Content: Another important step in the analysis of a semantic document is to characterize it in terms of its content. Watson extracts, exploits, and stores a large range of declared metadata or computed measures, like the employed languages/vocabularies (RDF, RDFS, OWL, DAML + OIL), information about the contained entities (classes, properties, individuals and literals), or measures concerning the richness of the knowledge contained in the document (e.g., the expressiveness of the employed language, the density of the class definitions, etc.). By combining these elements of information, Watson can decide whether or not a particular document should be treated as a semantically rich ontology. These elements are then stored and exploited to provide advanced, quality-related filtering, ranking, and analysis of the collected semantic content.

Relations between semantic documents: In the previous paragraphs, the analysis task was to extract metadata concerning one particular semantic document. In addition, a core aspect in the design of Watson concerns the exploitation of relations between semantic documents. The retrieved ontologies are inspected in order to extract information linking to other semantic documents. There are several semantic relations between ontologies that have to be followed (e.g., owl:imports, rdfs:seeAlso, namespaces, derefenceable URIs). Besides providing useful information about the considered documents, the results of this task are also used to extract potential locations of other semantic documents to be crawled.

In addition to declared semantic relations like owl:imports, the aim is also to compute implicit relations that can be detected by comparing ontologies. Equivalence is one of the most obvious of these relations, which is nevertheless crucial to detect. Indeed, detecting duplicated knowledge ensures that redundant information is not stored and that duplicated results are not presented to the user. On the same basis, several other relations are considered relying on particular notions of similarity between ontologies (inclusion, extension, overlap, etc.). Combined with other information from the crawler (e.g., date of discovery, of modification), these relations make possible the study and characterization of the evolution of ontologies on the Web through their different versions.

1.5.4 Web Interface: Search, Navigation, and Exploration

Even if the first goal of Watson is to support semantic applications, it is important to provide Web interfaces that facilitate the access to ontologies for human users.

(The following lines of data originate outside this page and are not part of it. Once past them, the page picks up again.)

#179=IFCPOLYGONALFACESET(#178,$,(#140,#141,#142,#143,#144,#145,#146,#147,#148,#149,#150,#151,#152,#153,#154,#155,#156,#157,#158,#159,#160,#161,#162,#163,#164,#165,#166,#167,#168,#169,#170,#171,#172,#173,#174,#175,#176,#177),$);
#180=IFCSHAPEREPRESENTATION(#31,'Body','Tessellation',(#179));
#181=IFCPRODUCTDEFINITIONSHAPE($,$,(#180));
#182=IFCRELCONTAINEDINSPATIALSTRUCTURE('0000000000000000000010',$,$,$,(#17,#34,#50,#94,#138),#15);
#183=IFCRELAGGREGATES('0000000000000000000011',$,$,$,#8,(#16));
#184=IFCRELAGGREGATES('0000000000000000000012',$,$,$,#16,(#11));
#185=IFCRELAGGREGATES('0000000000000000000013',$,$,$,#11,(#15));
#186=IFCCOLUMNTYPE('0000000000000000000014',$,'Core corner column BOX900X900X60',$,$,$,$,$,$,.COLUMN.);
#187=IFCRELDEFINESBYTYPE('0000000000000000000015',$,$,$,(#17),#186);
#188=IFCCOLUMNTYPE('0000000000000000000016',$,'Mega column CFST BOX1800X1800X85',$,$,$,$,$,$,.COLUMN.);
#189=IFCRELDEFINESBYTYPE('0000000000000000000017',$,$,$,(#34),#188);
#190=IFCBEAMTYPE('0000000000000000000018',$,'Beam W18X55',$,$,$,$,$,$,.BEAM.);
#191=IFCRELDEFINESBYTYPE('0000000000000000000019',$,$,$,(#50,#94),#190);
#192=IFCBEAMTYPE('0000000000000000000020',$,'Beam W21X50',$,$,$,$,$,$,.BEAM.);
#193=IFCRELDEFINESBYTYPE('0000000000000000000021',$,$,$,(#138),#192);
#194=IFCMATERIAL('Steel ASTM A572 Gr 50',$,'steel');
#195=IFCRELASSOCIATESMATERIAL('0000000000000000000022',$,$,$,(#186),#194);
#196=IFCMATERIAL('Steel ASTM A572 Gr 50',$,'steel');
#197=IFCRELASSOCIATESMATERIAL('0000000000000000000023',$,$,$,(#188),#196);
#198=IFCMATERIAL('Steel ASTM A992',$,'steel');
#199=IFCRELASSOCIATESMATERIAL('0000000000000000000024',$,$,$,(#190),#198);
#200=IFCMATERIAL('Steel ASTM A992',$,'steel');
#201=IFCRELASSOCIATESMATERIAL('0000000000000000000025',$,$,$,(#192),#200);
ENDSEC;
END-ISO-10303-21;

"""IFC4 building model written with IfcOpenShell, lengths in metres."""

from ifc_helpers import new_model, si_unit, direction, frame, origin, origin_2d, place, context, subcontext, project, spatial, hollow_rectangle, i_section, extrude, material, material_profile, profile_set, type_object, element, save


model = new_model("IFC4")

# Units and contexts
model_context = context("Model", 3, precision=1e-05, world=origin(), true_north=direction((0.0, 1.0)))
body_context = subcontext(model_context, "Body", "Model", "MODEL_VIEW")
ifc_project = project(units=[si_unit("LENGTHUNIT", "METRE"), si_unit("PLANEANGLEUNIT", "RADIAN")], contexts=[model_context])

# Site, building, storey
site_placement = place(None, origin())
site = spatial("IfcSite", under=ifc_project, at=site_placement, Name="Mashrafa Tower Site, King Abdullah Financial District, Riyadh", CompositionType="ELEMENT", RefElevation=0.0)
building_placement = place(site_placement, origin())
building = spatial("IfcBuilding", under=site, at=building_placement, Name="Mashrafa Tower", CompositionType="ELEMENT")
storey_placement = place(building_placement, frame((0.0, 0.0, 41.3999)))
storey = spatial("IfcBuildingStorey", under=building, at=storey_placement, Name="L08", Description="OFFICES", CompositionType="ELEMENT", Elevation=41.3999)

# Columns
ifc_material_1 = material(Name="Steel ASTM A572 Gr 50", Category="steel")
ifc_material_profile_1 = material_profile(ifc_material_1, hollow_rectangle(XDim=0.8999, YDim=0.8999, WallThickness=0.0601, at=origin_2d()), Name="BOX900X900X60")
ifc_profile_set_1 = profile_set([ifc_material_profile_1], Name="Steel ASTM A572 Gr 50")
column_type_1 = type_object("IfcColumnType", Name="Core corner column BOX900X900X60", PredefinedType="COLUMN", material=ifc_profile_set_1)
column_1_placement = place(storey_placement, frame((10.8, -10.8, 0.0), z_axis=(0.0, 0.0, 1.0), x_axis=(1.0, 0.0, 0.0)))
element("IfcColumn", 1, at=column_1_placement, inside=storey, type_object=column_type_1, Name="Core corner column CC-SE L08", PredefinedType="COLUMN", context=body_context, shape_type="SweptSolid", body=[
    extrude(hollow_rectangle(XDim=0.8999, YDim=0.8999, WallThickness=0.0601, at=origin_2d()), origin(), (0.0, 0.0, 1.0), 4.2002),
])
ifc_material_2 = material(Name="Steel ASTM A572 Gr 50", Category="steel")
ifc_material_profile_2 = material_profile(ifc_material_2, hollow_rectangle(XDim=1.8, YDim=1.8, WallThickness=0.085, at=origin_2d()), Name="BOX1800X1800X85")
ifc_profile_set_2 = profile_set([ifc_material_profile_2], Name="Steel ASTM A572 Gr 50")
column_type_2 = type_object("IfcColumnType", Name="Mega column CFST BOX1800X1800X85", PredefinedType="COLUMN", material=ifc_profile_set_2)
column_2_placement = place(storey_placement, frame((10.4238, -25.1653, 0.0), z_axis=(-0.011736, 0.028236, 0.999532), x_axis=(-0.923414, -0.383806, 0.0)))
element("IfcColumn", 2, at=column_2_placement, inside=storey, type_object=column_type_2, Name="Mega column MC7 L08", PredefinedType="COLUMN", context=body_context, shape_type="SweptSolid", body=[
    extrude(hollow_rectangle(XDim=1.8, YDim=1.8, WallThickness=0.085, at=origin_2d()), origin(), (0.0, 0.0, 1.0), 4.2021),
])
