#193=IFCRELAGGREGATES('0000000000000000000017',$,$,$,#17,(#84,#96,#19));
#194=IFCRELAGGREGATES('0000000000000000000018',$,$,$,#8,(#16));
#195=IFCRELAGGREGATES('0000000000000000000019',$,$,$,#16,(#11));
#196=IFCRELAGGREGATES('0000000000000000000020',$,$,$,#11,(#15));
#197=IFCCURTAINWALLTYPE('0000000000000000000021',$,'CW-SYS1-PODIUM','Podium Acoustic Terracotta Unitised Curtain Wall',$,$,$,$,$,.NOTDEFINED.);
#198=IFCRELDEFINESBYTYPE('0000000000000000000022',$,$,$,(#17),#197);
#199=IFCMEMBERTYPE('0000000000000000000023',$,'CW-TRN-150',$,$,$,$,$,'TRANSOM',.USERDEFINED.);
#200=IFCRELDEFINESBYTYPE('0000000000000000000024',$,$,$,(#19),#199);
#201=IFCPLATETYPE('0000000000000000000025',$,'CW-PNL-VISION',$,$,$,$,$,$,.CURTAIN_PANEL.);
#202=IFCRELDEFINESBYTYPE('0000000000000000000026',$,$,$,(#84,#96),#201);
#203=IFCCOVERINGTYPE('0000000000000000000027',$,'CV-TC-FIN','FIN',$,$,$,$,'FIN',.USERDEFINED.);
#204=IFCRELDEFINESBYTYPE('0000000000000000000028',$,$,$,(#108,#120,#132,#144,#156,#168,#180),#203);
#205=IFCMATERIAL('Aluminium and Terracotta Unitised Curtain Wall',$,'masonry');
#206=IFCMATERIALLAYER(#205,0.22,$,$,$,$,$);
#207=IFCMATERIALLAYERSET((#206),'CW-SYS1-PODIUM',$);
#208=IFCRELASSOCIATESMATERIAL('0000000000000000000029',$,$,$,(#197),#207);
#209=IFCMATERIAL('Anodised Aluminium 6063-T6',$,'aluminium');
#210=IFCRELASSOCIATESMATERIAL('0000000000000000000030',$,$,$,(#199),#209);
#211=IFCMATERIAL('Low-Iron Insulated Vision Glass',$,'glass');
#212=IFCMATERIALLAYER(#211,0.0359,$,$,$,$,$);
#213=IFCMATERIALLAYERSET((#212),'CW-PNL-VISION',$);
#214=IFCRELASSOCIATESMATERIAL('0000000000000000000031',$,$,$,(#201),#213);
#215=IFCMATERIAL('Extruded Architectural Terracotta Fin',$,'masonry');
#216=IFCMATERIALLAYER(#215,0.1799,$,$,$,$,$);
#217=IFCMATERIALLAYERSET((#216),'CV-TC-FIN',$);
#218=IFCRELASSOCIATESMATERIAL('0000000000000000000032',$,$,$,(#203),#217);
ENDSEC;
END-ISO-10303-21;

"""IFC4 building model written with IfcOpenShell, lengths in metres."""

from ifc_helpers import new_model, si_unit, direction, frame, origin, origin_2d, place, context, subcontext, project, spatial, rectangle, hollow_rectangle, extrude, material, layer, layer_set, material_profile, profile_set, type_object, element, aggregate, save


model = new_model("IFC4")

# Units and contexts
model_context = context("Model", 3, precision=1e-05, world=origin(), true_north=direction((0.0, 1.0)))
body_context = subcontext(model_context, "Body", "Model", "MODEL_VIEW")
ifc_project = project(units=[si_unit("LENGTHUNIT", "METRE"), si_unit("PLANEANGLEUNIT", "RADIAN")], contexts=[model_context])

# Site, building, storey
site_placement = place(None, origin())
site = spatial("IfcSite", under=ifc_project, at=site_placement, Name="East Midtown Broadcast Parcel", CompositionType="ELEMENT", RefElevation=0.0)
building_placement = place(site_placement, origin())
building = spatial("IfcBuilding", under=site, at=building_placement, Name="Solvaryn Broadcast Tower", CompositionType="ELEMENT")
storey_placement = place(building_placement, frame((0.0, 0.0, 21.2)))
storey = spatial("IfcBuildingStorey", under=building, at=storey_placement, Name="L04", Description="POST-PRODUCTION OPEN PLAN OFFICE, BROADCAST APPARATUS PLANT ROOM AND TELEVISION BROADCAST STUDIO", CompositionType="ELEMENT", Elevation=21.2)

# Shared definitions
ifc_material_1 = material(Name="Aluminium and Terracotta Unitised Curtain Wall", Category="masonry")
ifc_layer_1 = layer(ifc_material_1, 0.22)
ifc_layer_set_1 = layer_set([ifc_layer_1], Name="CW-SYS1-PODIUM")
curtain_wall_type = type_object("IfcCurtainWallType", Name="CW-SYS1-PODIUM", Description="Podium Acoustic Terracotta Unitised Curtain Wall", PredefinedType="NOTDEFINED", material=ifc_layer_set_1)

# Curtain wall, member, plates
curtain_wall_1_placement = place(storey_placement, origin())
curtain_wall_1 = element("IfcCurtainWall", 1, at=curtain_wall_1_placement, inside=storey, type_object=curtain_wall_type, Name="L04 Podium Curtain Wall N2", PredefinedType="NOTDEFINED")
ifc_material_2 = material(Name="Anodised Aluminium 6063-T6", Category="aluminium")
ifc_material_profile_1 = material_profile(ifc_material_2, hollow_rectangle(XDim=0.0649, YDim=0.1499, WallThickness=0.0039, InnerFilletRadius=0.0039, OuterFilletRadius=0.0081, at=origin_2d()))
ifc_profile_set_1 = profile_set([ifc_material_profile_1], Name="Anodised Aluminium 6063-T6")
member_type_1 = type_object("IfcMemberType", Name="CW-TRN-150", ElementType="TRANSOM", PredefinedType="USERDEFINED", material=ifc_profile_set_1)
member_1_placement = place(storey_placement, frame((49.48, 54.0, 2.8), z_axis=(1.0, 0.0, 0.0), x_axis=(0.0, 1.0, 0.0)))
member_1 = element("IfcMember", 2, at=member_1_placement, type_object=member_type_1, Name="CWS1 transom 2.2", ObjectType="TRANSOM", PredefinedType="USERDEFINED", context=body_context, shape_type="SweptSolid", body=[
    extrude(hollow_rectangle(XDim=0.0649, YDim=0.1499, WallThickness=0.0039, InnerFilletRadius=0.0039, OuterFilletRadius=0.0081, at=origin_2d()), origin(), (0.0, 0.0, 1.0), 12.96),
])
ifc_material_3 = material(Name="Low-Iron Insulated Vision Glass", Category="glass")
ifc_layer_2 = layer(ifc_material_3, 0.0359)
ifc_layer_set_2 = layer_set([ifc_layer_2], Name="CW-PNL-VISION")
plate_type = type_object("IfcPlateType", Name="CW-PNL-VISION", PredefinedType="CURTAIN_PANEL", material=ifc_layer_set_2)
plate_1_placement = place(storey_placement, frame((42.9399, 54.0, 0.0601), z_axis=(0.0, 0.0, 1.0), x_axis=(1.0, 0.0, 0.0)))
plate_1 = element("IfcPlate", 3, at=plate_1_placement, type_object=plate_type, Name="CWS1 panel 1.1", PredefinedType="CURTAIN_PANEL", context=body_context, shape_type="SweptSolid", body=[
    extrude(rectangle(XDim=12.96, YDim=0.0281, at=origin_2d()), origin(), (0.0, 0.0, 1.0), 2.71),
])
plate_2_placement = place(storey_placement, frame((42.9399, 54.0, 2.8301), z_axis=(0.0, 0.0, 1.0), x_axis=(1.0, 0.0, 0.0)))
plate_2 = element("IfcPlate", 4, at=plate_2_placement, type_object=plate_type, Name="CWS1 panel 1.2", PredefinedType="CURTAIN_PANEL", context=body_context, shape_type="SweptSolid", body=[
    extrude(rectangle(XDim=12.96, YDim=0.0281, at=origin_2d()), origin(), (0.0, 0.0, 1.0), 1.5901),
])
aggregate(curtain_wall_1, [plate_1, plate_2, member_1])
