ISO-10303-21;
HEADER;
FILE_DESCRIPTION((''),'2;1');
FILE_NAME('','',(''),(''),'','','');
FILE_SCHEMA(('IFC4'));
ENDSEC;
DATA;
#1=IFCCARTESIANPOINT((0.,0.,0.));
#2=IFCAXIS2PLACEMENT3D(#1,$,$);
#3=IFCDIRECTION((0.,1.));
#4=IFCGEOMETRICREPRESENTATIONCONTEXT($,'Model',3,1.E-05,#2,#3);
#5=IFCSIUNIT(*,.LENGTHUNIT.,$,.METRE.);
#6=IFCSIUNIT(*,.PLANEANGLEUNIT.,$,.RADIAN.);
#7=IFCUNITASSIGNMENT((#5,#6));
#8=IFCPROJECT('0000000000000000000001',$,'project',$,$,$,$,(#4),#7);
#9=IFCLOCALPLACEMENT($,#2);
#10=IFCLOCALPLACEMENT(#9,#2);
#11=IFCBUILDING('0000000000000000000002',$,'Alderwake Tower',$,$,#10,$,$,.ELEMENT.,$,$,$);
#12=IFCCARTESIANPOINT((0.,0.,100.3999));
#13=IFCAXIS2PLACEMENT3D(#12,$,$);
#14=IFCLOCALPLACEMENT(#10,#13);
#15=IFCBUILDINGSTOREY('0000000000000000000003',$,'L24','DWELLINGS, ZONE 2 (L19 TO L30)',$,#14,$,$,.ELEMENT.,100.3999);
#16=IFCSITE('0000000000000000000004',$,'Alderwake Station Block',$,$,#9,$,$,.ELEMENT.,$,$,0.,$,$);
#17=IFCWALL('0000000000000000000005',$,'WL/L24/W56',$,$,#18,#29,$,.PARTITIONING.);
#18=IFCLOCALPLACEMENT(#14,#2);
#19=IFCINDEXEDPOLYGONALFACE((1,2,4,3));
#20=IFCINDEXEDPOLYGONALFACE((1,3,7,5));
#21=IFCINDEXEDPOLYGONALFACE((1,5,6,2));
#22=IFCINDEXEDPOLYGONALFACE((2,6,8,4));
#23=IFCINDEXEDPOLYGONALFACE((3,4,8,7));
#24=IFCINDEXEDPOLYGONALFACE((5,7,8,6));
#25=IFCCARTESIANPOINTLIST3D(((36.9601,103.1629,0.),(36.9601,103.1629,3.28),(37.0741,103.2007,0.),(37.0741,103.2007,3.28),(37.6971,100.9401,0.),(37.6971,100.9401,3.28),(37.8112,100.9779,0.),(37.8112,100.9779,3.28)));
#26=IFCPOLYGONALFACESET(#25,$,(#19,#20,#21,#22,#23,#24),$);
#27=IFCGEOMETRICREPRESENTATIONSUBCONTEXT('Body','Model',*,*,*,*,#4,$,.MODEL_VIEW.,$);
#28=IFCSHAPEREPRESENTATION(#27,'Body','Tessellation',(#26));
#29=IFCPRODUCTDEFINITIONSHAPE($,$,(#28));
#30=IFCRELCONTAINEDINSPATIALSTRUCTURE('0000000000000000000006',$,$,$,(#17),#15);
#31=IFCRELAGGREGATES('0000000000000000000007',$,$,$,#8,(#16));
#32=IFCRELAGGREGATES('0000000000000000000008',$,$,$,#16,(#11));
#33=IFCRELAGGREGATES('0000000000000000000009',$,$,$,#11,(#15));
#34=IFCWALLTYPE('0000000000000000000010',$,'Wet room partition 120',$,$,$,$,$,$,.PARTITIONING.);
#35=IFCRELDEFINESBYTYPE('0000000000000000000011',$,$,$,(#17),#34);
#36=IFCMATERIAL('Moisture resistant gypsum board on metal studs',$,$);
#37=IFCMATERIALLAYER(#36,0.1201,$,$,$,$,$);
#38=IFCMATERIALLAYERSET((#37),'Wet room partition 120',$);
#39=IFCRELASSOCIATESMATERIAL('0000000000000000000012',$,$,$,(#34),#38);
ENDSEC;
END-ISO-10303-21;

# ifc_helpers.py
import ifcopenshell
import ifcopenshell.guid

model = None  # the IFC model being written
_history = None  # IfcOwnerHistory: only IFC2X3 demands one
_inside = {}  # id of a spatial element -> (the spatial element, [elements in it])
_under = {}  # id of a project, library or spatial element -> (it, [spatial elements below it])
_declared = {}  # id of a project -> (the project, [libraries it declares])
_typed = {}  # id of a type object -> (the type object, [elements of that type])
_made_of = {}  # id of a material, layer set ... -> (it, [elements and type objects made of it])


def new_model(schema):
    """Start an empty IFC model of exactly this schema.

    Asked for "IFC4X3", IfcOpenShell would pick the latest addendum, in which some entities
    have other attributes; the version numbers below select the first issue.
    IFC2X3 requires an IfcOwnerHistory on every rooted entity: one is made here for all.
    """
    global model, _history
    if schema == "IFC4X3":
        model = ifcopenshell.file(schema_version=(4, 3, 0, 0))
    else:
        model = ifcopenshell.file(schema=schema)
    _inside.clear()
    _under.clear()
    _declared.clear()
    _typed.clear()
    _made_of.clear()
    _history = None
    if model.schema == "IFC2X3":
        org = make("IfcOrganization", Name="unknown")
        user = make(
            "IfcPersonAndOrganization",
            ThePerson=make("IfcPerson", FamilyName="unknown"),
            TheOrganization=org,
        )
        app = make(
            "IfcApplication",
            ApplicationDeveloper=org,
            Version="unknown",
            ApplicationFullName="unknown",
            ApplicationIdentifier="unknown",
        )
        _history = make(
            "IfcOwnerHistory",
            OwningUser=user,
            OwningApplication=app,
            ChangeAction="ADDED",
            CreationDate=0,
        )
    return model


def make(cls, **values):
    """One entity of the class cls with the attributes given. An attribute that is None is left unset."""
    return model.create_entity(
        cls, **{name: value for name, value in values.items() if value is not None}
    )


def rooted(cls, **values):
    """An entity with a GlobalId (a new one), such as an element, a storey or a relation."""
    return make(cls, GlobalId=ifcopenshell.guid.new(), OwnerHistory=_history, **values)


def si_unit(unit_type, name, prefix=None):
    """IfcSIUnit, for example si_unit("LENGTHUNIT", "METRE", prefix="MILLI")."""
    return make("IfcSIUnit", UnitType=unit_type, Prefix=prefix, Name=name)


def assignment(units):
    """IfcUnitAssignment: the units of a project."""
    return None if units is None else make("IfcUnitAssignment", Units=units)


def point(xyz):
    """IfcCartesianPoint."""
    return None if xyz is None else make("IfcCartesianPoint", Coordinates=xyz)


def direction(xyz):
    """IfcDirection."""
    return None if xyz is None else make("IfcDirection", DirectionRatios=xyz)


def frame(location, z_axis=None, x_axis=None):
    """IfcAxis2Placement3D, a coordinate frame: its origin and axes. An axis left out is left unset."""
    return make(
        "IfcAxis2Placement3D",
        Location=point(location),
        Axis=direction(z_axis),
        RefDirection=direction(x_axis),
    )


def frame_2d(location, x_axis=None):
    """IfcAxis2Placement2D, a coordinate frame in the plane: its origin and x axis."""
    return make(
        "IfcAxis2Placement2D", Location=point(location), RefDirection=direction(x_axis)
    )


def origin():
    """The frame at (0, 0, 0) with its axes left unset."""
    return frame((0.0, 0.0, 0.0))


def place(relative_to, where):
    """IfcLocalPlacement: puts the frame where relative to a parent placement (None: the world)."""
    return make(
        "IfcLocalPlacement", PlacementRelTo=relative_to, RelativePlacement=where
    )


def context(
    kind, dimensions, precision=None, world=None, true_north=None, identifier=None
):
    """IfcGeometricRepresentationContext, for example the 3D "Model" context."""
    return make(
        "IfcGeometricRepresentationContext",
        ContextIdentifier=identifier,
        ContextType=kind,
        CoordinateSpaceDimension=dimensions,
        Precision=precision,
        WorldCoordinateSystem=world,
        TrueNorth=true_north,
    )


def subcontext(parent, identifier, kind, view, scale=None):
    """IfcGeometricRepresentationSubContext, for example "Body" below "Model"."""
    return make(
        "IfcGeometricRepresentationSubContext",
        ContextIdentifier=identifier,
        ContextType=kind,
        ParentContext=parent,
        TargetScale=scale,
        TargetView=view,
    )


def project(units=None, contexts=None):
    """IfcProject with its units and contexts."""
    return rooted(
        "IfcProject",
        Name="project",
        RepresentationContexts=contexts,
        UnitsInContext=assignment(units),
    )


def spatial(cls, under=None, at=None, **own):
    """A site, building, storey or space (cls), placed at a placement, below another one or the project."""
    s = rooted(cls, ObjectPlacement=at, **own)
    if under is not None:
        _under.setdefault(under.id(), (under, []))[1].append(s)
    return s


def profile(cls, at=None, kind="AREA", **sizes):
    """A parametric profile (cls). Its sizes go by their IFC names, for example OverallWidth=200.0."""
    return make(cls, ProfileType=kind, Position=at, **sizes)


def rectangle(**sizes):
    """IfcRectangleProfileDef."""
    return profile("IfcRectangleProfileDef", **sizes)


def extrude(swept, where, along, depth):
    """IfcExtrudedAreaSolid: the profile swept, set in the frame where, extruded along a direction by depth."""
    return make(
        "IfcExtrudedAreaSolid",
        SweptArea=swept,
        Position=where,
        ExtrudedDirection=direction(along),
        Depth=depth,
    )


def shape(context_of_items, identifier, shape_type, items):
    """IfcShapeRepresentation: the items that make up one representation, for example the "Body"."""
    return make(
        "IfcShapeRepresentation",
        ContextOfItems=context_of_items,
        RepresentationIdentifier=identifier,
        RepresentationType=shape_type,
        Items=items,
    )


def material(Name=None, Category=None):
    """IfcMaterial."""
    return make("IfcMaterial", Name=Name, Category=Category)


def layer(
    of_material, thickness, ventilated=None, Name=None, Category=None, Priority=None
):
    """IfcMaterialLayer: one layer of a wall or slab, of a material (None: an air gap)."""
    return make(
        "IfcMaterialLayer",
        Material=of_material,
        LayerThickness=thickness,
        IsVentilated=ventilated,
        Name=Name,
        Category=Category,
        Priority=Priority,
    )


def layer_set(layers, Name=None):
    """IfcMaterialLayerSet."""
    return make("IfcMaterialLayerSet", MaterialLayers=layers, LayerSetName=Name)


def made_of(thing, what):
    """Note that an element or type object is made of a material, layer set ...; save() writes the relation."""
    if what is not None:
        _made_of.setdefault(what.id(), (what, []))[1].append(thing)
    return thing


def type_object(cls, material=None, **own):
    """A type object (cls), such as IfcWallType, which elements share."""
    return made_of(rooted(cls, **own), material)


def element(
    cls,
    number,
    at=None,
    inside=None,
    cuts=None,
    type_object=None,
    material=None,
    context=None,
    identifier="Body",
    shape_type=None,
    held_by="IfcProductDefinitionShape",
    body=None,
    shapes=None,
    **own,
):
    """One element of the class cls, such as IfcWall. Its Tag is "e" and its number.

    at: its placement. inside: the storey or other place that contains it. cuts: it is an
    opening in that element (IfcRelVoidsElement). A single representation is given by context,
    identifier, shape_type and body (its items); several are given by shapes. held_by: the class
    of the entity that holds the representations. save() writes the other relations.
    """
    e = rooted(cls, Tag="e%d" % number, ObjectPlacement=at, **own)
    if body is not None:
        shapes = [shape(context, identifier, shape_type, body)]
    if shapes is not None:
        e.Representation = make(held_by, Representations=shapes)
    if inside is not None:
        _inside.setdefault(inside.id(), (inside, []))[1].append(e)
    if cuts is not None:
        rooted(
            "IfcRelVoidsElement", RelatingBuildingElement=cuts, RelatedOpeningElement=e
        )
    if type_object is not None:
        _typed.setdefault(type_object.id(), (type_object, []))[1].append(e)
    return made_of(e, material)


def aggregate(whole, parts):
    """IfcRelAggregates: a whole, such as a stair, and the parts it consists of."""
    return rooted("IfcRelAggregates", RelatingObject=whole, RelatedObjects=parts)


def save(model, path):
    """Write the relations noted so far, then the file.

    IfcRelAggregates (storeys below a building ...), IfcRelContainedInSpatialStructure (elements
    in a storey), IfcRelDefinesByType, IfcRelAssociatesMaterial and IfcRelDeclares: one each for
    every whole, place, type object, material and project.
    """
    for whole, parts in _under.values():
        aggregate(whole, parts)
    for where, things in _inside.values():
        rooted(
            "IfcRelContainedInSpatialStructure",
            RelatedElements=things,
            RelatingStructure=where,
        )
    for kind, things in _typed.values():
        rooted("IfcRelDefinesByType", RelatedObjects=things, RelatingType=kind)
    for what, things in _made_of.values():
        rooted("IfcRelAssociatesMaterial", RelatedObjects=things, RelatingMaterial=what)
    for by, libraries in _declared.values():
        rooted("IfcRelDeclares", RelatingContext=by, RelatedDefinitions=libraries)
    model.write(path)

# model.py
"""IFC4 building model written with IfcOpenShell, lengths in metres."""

from ifc_helpers import new_model, si_unit, direction, frame, frame_2d, origin, place, context, subcontext, project, spatial, rectangle, extrude, material, layer, layer_set, type_object, element, save


model = new_model("IFC4")

# Units and contexts
model_context = context("Model", 3, precision=1e-05, world=origin(), true_north=direction((0.0, 1.0)))
body_context = subcontext(model_context, "Body", "Model", "MODEL_VIEW")
ifc_project = project(units=[si_unit("LENGTHUNIT", "METRE"), si_unit("PLANEANGLEUNIT", "RADIAN")], contexts=[model_context])

# Site, building, storey
site_placement = place(None, origin())
site = spatial("IfcSite", under=ifc_project, at=site_placement, Name="Alderwake Station Block", CompositionType="ELEMENT", RefElevation=0.0)
building_placement = place(site_placement, origin())
building = spatial("IfcBuilding", under=site, at=building_placement, Name="Alderwake Tower", CompositionType="ELEMENT")
storey_placement = place(building_placement, frame((0.0, 0.0, 100.3999)))
storey = spatial("IfcBuildingStorey", under=building, at=storey_placement, Name="L24", Description="DWELLINGS, ZONE 2 (L19 TO L30)", CompositionType="ELEMENT", Elevation=100.3999)

# Shared definitions
ifc_material_1 = material(Name="Moisture resistant gypsum board on metal studs")
ifc_layer_1 = layer(ifc_material_1, 0.1201)
ifc_layer_set_1 = layer_set([ifc_layer_1], Name="Wet room partition 120")
wall_type_1 = type_object("IfcWallType", Name="Wet room partition 120", PredefinedType="PARTITIONING", material=ifc_layer_set_1)

# Wall
wall_1_placement = place(storey_placement, frame((37.7542, 100.959, 0.0), z_axis=(0.0, 0.0, 1.0), x_axis=(-0.314726, 0.949183, 0.0)))
element("IfcWall", 1, at=wall_1_placement, inside=storey, type_object=wall_type_1, Name="WL/L24/W56", PredefinedType="PARTITIONING", context=body_context, shape_type="SweptSolid", body=[
    extrude(rectangle(XDim=2.3418, YDim=0.1201, at=frame_2d((1.1709, 0.0))), origin(), (0.0, 0.0, 1.0), 3.28),
])

save(model, "model.ifc")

Users may have different requirements and different levels of expertise concerning semantic technologies. For this reason, Watson provides different “perspectives,” from the most simple keyword search, to sophisticated queries using SPARQL (see Fig. 16.8 ). It can be accessed at the following address http://watson.kmi.open.ac.uk/.

Fig. 16.8
figure 8

Overview of the Watson Web interface

Keyword search: The keyword search feature of Watson is similar in its use with usual Web or desktop search systems. The set of keywords entered by the user is matched to the local names, labels, comments, or literals of entities occurring in semantic documents. A list of matching ontologies is then displayed with, for each ontology, some information about it (language, size, etc.) and the list of entities matching each keyword. The search can also be restricted to consider only certain types of entities (classes, properties, individuals) or certain descriptors (labels, comments, local names, literals).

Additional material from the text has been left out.